Take mario for example. The tiles are 32x32px. Level 1-2 is 192x15 tiles.
192 x 15 x 1 byte = 2880 bytes. 2.88k for a level of that size is very small.

Now, the NES only had 2k of ram- so they probably didn't load the entire map at once. However, nowadays, even if your levels are 3x the size of Mario 1's, I'm sure you'll have plenty of space leftover.

I don't quite know what you're talking about when you say that you "amplified" your map. You don't need to change the size of your tilemap when you rescale things. If this is the case, then maybe you're a bit fuzzy about the concept of a tilemap?

Here's a rough example:

Map = 10X5 tiles.
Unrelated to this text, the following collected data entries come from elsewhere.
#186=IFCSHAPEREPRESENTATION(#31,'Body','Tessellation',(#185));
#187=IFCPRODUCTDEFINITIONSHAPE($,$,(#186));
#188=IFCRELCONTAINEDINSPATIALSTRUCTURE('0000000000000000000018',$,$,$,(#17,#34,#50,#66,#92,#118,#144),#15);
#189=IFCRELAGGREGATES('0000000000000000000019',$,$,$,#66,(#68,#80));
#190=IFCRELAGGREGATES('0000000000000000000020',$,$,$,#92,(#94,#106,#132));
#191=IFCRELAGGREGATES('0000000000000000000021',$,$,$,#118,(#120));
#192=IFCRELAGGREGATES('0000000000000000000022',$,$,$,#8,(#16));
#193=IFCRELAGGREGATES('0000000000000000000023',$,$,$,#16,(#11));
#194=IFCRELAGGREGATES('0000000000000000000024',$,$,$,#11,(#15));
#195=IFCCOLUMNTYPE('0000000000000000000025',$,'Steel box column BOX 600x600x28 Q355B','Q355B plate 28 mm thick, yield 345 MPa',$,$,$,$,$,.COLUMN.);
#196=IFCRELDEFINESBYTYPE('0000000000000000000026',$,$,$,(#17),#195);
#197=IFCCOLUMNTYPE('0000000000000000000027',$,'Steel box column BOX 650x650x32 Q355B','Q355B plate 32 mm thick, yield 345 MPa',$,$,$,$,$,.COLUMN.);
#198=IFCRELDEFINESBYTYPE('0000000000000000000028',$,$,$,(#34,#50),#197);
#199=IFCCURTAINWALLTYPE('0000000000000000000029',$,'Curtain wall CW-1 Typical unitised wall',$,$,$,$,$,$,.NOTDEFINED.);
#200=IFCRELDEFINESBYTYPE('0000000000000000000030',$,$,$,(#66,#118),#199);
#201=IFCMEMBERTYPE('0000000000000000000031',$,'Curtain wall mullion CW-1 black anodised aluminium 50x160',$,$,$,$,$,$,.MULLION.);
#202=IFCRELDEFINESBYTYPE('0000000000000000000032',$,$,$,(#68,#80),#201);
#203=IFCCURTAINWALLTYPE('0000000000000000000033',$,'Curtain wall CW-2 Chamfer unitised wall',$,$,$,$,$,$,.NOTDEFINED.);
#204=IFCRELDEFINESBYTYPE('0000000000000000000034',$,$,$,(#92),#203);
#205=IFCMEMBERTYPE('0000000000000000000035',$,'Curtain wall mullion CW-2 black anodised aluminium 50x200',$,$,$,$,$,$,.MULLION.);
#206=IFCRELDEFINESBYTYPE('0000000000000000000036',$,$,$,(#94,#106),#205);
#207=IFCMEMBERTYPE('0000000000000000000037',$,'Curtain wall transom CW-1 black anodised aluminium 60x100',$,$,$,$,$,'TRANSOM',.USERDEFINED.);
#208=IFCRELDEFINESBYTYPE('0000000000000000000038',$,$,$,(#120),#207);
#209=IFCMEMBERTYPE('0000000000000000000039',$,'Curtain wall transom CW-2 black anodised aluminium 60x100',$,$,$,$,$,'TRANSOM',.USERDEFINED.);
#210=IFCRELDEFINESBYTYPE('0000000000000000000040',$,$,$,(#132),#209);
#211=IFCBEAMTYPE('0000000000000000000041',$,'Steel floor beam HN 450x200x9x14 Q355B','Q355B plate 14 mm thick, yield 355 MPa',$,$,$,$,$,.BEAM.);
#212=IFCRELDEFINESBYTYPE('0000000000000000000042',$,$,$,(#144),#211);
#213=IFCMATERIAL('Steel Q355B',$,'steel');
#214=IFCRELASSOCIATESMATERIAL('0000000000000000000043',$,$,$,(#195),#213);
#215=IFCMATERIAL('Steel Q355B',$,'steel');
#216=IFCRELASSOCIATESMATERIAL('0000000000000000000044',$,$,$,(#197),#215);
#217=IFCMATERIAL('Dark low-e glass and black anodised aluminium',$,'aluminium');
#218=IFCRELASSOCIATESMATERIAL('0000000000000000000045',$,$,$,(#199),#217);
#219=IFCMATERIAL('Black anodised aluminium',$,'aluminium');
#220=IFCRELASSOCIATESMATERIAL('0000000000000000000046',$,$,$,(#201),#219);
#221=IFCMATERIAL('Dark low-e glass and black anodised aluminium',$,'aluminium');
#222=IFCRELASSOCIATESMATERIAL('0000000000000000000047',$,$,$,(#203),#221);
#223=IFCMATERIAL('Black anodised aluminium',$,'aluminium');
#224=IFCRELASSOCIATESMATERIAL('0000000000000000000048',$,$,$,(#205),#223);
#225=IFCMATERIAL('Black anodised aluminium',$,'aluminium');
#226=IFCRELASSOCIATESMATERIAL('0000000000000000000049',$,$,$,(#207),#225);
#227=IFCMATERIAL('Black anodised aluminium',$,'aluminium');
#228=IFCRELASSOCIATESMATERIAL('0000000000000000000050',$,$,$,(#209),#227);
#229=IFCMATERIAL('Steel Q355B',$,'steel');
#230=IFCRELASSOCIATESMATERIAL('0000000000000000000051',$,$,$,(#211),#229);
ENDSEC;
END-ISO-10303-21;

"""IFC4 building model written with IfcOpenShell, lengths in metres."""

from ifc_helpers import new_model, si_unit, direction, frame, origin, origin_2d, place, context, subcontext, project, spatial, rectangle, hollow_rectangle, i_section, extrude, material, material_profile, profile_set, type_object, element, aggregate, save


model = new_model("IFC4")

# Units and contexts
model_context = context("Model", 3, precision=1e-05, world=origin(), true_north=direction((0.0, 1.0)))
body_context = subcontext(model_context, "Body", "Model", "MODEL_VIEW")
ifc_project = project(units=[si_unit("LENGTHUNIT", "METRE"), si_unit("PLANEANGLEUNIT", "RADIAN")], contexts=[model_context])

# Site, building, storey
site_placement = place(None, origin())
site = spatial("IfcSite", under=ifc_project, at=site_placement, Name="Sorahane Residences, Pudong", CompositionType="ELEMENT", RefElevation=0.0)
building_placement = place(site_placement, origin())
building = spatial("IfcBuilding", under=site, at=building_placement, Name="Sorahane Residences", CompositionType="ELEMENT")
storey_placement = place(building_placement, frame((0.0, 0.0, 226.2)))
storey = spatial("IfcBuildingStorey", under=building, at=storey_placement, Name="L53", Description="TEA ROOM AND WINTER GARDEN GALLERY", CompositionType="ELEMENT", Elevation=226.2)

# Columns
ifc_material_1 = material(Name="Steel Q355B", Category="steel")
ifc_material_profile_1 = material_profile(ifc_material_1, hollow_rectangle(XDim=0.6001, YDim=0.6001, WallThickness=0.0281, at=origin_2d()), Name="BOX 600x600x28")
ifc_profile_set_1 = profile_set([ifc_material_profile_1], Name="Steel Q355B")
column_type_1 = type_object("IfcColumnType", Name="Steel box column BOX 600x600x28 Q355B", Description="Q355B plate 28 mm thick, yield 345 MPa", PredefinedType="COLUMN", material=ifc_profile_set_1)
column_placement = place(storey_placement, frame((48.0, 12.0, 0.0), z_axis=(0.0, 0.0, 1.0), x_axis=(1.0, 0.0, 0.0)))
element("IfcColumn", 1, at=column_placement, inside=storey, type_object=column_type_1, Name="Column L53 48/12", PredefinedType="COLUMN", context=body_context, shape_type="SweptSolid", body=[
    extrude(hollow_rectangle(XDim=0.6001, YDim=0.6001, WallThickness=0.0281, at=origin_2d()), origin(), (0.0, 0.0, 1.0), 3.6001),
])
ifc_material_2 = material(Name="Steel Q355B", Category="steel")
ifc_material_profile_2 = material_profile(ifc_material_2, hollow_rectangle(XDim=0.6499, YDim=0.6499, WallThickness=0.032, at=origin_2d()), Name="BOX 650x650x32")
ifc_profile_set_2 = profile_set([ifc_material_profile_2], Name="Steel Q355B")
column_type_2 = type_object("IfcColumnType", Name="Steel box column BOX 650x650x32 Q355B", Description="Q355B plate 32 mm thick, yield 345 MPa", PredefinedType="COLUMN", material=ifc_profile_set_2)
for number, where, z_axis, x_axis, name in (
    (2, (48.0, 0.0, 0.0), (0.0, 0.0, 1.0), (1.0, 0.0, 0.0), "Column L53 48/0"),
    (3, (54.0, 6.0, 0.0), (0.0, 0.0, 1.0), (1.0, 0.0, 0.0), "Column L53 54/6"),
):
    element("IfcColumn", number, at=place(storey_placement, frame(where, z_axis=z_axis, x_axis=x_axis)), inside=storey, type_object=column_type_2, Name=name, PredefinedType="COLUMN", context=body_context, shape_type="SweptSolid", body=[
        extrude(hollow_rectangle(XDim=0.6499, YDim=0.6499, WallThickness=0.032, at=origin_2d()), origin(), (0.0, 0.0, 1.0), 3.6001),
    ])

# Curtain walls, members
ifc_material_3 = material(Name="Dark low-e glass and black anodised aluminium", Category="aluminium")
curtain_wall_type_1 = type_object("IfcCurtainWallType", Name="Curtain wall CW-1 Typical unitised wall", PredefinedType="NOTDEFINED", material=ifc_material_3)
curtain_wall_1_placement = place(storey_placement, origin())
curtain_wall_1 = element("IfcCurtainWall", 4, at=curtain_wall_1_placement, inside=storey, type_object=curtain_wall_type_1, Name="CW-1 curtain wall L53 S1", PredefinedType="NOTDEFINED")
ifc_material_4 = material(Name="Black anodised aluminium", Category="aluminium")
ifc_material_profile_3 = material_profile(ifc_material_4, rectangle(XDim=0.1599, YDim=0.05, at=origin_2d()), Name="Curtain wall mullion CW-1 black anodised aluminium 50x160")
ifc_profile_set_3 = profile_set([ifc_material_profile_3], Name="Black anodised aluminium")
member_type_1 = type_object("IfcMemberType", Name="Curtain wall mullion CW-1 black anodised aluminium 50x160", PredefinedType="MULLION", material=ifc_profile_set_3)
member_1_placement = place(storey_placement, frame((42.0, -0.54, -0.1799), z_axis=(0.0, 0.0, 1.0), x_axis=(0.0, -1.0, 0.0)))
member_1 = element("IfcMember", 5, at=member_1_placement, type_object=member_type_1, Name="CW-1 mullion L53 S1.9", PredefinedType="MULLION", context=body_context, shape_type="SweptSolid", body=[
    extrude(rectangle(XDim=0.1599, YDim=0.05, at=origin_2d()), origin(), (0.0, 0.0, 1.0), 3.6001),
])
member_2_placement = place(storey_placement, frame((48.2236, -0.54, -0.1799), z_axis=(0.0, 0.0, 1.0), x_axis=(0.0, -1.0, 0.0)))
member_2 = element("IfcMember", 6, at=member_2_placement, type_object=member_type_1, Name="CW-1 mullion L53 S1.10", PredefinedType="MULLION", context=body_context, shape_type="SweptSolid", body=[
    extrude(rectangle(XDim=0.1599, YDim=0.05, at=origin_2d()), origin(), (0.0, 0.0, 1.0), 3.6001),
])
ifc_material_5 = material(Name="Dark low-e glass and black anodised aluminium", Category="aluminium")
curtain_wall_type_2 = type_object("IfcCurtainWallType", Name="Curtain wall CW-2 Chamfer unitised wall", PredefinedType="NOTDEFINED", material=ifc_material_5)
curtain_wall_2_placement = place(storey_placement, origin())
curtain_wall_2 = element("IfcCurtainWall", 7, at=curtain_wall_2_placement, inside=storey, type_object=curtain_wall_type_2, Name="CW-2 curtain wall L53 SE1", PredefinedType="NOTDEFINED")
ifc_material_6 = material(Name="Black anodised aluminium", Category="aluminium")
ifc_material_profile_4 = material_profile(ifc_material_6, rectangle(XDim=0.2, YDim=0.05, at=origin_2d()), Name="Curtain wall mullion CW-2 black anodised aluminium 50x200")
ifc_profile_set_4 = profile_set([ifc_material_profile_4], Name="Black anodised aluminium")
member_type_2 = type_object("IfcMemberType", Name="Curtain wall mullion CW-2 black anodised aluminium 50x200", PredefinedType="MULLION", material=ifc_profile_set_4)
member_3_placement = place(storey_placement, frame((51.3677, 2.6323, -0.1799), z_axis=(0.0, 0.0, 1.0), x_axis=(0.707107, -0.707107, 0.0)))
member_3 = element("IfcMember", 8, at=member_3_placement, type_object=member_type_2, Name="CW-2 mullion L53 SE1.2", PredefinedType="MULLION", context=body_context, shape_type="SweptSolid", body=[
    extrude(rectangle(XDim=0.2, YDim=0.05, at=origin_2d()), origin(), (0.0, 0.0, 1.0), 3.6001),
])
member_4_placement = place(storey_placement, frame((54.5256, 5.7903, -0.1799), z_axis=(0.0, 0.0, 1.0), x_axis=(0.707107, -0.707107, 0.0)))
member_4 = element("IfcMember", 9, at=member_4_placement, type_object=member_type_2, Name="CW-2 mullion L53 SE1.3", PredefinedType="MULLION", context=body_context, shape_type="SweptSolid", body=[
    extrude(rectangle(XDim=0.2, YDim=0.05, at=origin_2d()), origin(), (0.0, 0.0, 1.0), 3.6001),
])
Tiles = 50x50px. 0 = Open tile(draw sky), 1 = Closed tile (draw block)
0000000000
0001000000
0001000000
0001111110
1111111111

Given this, the lower left corner of the map is Coordinate (0, 0)
The upper right corner of the map is (500, 250) - 10*50, 5*50
Upper left corner: (0, 250)
Lower right corner: (500, 0)


class Game{


byte[][] tilemap = new byte[10][5];
byte[][] world = new byte[10 * TILE_WIDTH][5 * TILE_HEIGHT];

...

boolean canPlayerMoveHere(int desiredX, int desiredY){
int gridX = desiredX / TILE_WIDTH; // TILE_WIDTH = 50px
int gridY = desiredY / TILE_HEIGHT; // TILE_HEIGHT = 50px

//NOTE: Check that the array index is in bounds!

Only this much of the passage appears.